ETFs

Should Vanguard Russell 2000 Growth ETF (VTWG) Be on Your Investing Radar?

Published January 30, 2025

If you're on the lookout for a way to gain broad exposure to the small-cap growth segment of the US equity market, the Vanguard Russell 2000 Growth ETF (VTWG) could be a worthwhile addition to your investment strategy. Launched on September 22, 2010, this passively managed exchange-traded fund (ETF) is sponsored by Vanguard and has gathered over $1.05 billion in assets, which places it among the medium-sized ETFs designed to track the performance of small-cap growth stocks in the US.

Why Small Cap Growth?

Small-cap companies, defined as firms with a market capitalization under $2 billion, are often seen as having higher growth potential than their large and mid-cap peers. However, they do come with increased risk. Growth stocks, which typically exhibit faster growth rates, carry higher valuations and demonstrate above-average sales and earnings growth. While these stocks tend to perform well in a strong bull market, their volatility usually means they underperform during less favorable financial conditions.

Costs

When selecting an ETF, the cost is a crucial factor to consider. Generally, lower-cost funds can significantly outperform their more expensive counterparts when all other aspects are similar. With annual operating expenses of just 0.15%, VTWG is positioned as one of the more cost-effective options in the market. It also features a 12-month trailing dividend yield of 0.54%, providing a degree of income along with capital appreciation potential.

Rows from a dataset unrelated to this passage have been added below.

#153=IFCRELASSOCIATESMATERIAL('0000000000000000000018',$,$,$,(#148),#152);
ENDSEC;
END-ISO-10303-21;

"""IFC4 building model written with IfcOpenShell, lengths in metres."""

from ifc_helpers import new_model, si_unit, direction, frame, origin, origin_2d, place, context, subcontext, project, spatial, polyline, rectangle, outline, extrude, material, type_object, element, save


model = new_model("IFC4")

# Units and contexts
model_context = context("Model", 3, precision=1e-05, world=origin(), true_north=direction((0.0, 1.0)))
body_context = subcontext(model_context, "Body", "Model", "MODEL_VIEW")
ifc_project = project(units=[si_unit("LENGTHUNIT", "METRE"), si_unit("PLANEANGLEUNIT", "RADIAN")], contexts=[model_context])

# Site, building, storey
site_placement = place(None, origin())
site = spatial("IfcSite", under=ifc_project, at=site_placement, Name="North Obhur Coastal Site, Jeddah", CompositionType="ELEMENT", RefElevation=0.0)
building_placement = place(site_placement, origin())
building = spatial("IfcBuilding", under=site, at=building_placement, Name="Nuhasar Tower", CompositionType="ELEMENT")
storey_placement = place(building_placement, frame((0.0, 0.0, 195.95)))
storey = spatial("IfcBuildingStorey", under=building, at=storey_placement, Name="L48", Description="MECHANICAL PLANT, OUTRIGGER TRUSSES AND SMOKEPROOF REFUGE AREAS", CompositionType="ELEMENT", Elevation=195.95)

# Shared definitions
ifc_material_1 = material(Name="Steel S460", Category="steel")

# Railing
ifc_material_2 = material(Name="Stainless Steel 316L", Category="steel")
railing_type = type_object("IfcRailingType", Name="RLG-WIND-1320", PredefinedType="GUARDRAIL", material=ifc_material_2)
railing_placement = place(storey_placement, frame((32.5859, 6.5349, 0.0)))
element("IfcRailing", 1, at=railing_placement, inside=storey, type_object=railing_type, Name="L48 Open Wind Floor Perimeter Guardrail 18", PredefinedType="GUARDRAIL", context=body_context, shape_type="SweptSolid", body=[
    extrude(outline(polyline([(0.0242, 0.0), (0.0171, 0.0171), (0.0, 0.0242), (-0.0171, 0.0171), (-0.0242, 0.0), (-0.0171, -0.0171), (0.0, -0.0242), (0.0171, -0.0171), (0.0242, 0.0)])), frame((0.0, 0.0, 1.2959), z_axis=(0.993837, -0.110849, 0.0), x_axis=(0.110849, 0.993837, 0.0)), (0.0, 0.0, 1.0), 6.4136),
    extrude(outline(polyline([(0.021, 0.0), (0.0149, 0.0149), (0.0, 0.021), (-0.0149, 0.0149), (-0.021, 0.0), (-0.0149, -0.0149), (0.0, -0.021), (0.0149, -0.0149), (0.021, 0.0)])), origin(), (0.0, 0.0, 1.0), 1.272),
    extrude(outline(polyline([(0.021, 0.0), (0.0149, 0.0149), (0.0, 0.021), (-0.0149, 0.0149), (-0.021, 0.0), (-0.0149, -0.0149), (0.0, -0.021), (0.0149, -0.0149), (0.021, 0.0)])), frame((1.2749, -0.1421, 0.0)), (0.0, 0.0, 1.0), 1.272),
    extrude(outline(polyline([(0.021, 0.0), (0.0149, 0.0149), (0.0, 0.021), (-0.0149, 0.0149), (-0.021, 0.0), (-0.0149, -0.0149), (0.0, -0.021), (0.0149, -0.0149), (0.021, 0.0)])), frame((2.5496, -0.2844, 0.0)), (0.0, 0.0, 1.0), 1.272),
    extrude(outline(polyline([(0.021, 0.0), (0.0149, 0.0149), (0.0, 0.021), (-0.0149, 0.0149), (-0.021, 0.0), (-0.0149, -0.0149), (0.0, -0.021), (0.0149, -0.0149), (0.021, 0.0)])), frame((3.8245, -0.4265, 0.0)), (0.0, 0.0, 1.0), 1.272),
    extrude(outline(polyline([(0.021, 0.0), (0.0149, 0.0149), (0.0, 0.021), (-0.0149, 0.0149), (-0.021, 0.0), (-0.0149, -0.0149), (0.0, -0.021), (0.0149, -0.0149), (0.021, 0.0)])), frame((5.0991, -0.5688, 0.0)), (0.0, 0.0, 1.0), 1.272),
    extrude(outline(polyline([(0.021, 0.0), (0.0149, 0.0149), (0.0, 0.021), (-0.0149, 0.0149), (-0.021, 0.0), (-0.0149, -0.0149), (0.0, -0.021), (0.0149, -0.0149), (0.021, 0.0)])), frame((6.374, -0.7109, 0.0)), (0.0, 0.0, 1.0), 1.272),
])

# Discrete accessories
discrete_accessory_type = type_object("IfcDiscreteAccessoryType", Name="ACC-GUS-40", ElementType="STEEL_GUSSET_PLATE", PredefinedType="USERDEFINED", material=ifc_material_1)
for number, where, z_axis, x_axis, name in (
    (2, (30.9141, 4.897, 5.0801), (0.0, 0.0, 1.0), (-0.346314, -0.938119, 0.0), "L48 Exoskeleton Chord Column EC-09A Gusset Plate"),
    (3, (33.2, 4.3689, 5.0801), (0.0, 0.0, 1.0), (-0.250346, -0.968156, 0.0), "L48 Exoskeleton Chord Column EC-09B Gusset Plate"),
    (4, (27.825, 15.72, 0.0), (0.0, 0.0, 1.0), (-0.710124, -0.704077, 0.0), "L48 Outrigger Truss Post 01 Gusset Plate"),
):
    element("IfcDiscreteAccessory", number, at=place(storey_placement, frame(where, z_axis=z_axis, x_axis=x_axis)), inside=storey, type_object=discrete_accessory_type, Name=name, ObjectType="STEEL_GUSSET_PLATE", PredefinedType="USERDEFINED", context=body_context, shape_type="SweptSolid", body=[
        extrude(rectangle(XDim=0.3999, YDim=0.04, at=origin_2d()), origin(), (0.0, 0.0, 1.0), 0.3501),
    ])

Sector Exposure and Top Holdings

One of the advantages of ETFs is that they provide diversified exposure, thus spreading the risk associated with individual stocks. It's essential, however, to review an ETF's holdings before making an investment decision. VTWG mostly invests in stocks from the Healthcare sector, which constitutes about 23.80% of its portfolio, followed by Industrials and Information Technology. Among the top individual holdings, Ftai Aviation Ltd (FTAI) represents roughly 1.14% of the total assets, alongside other notable stocks like Slbbh1142 and Sprouts Farmers Market Inc (SFM).

Performance and Risk

VTWG aims to closely mirror the performance of the Russell 2000 Growth Index, which evaluates the performance of smaller companies with higher price-to-book ratios and expected historical growth rates. As of January 30, 2025, VTWG has gained about 3.04% year-to-date and witnessed an approximately 18.76% increase over the past year. Over the last 52 weeks, the ETF has fluctuated between $177.52 and $229.76.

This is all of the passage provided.